The Tax-Free Savings Account (TFSA) sounds simple. Capital gains are tax-free. Dividends are tax-free. Interest is tax-free. Withdrawals are tax-free. That is mostly true.

But there is one important asterisk that more and more Canadian investors are slowly discovering. If you hold U.S. stocks, U.S.-listed exchange-traded funds (ETFs), or even Canadian ETFs that own U.S. stocks, there is a hidden cost inside your TFSA.

Specifically, a 15% foreign withholding tax charged by the U.S. Internal Revenue Service (IRS). Here’s what that means and what you can do about it.

The 15% foreign withholding tax explained

Under the Canada-U.S. tax treaty, dividends paid by U.S. companies to Canadian investors are subject to a 15% withholding tax.

In a taxable account, you can usually claim a foreign tax credit. But inside a TFSA, you cannot recover it. The money is simply withheld before it ever reaches you.

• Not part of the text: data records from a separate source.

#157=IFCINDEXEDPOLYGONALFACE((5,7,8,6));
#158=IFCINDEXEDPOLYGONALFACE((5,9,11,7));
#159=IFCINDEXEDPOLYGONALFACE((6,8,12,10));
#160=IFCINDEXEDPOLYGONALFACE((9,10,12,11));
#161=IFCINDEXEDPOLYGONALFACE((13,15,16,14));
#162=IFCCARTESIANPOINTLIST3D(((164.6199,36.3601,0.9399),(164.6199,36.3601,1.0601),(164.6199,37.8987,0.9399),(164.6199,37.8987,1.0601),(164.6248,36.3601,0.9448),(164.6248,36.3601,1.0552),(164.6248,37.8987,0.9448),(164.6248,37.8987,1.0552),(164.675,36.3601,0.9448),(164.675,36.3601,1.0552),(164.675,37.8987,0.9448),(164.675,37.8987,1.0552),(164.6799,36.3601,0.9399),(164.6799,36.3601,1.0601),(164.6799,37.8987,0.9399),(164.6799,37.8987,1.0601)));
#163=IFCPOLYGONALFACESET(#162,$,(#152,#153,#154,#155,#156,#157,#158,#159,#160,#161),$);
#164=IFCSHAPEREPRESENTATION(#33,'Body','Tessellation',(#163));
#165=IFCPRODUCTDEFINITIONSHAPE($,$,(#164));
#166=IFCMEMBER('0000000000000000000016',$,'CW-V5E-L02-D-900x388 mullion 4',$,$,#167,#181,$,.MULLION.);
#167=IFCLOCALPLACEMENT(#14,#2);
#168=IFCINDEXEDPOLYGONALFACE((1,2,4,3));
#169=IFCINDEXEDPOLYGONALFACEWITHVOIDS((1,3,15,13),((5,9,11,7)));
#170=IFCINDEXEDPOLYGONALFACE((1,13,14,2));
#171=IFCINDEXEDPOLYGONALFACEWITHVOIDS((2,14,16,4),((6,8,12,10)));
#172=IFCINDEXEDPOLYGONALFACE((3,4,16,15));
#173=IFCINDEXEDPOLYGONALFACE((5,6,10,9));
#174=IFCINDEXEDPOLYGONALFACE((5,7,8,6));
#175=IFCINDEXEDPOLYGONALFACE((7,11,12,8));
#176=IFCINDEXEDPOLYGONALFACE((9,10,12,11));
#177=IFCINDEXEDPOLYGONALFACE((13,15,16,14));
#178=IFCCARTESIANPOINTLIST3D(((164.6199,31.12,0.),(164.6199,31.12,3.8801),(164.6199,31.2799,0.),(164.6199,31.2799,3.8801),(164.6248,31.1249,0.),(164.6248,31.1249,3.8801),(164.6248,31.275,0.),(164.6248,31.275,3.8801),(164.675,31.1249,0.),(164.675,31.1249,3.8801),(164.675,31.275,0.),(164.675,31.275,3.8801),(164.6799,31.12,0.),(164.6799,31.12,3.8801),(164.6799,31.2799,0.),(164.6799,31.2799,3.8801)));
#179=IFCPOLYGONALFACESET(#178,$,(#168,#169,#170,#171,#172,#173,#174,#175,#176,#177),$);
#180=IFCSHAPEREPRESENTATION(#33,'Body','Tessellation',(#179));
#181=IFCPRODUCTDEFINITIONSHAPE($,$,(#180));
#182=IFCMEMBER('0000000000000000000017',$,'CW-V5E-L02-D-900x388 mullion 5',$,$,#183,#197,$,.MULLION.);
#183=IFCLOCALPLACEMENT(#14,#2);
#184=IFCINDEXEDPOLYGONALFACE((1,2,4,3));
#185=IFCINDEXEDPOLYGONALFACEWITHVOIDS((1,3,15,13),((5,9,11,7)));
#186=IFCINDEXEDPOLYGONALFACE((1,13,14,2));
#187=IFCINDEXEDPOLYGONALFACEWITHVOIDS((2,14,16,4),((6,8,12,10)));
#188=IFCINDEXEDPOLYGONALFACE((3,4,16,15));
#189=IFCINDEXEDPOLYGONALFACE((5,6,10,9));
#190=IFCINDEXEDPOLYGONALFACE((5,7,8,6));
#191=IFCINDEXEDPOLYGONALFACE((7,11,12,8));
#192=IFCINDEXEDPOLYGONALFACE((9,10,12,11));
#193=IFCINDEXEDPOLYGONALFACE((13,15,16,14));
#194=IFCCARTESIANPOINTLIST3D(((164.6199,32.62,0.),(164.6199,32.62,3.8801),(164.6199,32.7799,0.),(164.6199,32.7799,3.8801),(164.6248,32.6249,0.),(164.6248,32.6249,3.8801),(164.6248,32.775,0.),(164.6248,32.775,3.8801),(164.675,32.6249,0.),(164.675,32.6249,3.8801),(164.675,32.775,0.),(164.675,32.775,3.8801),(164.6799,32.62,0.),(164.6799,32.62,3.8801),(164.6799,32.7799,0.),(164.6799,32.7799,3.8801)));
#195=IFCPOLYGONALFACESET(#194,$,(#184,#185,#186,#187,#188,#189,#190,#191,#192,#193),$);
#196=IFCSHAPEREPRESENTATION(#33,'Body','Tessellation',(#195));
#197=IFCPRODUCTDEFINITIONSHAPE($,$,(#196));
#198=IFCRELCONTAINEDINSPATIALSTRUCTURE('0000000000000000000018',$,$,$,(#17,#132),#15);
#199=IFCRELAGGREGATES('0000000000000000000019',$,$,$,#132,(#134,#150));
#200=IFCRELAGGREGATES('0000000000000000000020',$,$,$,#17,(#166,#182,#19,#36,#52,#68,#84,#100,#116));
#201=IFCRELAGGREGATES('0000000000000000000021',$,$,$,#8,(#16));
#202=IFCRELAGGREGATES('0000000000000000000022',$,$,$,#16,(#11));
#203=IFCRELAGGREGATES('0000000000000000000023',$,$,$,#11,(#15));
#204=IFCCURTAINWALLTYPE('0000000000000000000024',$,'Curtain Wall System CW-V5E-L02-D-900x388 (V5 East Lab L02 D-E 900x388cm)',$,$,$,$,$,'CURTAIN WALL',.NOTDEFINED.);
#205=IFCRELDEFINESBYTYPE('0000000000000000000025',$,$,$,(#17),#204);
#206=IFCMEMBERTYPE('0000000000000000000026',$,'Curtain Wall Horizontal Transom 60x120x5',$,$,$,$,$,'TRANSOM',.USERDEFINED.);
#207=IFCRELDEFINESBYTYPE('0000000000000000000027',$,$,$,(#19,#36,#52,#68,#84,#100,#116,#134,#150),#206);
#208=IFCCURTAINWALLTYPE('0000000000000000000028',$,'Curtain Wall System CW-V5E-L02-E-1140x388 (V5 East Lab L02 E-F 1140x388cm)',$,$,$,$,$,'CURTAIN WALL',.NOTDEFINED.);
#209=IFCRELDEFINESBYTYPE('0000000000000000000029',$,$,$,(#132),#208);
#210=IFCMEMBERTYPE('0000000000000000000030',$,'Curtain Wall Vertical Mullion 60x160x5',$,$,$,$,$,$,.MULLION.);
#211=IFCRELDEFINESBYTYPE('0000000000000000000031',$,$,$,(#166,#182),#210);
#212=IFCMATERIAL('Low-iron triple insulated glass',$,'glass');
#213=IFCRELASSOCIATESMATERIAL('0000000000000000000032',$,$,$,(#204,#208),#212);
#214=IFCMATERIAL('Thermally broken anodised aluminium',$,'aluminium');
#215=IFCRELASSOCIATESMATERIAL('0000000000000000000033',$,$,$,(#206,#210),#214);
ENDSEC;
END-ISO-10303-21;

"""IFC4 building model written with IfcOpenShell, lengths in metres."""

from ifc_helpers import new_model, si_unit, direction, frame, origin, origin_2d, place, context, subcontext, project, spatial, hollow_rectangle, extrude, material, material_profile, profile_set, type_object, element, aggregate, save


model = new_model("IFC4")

For example, if you own a U.S. ETF yielding 1%, you do not actually receive 1%. After the 15% withholding tax, your effective yield becomes 0.85%. You might think, “That’s only a 0.15% difference. Not a big deal.”

In a single year, maybe not. But over decades, reinvested dividends are a major driver of total return. Even small reductions compound into meaningful differences over time.

This applies to U.S. stocks listed on U.S. exchanges, U.S.-listed ETFs, and Canadian-listed ETFs that hold U.S. stocks. In the case of Canadian ETFs holding U.S. stocks, the withholding tax happens before the dividend even lands inside the ETF.

How can you reduce or avoid it?

There are a few ways to manage this, each with trade-offs. If you insist on holding U.S. exposure inside your TFSA, one way to minimize the damage is to focus on companies or ETFs that pay very little in dividends.

Many growth-oriented sectors, such as technology, communications, and consumer discretionary, have relatively low yields. For example, ETFs tracking the NASDAQ-100 — an index of 100 large-cap U.S. growth stocks — historically pay modest dividends.

One Canadian-listed example is Invesco NASDAQ-100 Index ETF (TSX:QQC), which charges a 0.20% expense ratio.

Another approach is to own U.S. companies that do not pay dividends at all. Some businesses prefer to reinvest profits internally or repurchase shares rather than distribute cash. That means no dividend, and therefore no withholding tax.

A classic example is Berkshire Hathaway (NYSE:BRK.B), which has historically not paid dividends.

Instead, it compounds capital internally and occasionally repurchases shares. It also sits on a massive cash pile of roughly $380 billion and owns a diversified collection of public stocks and wholly owned operating businesses.

If your goal is specifically to collect U.S. dividends without losing 15%, the more tax-efficient place to hold them is your Registered Retirement Savings Plan (RRSP).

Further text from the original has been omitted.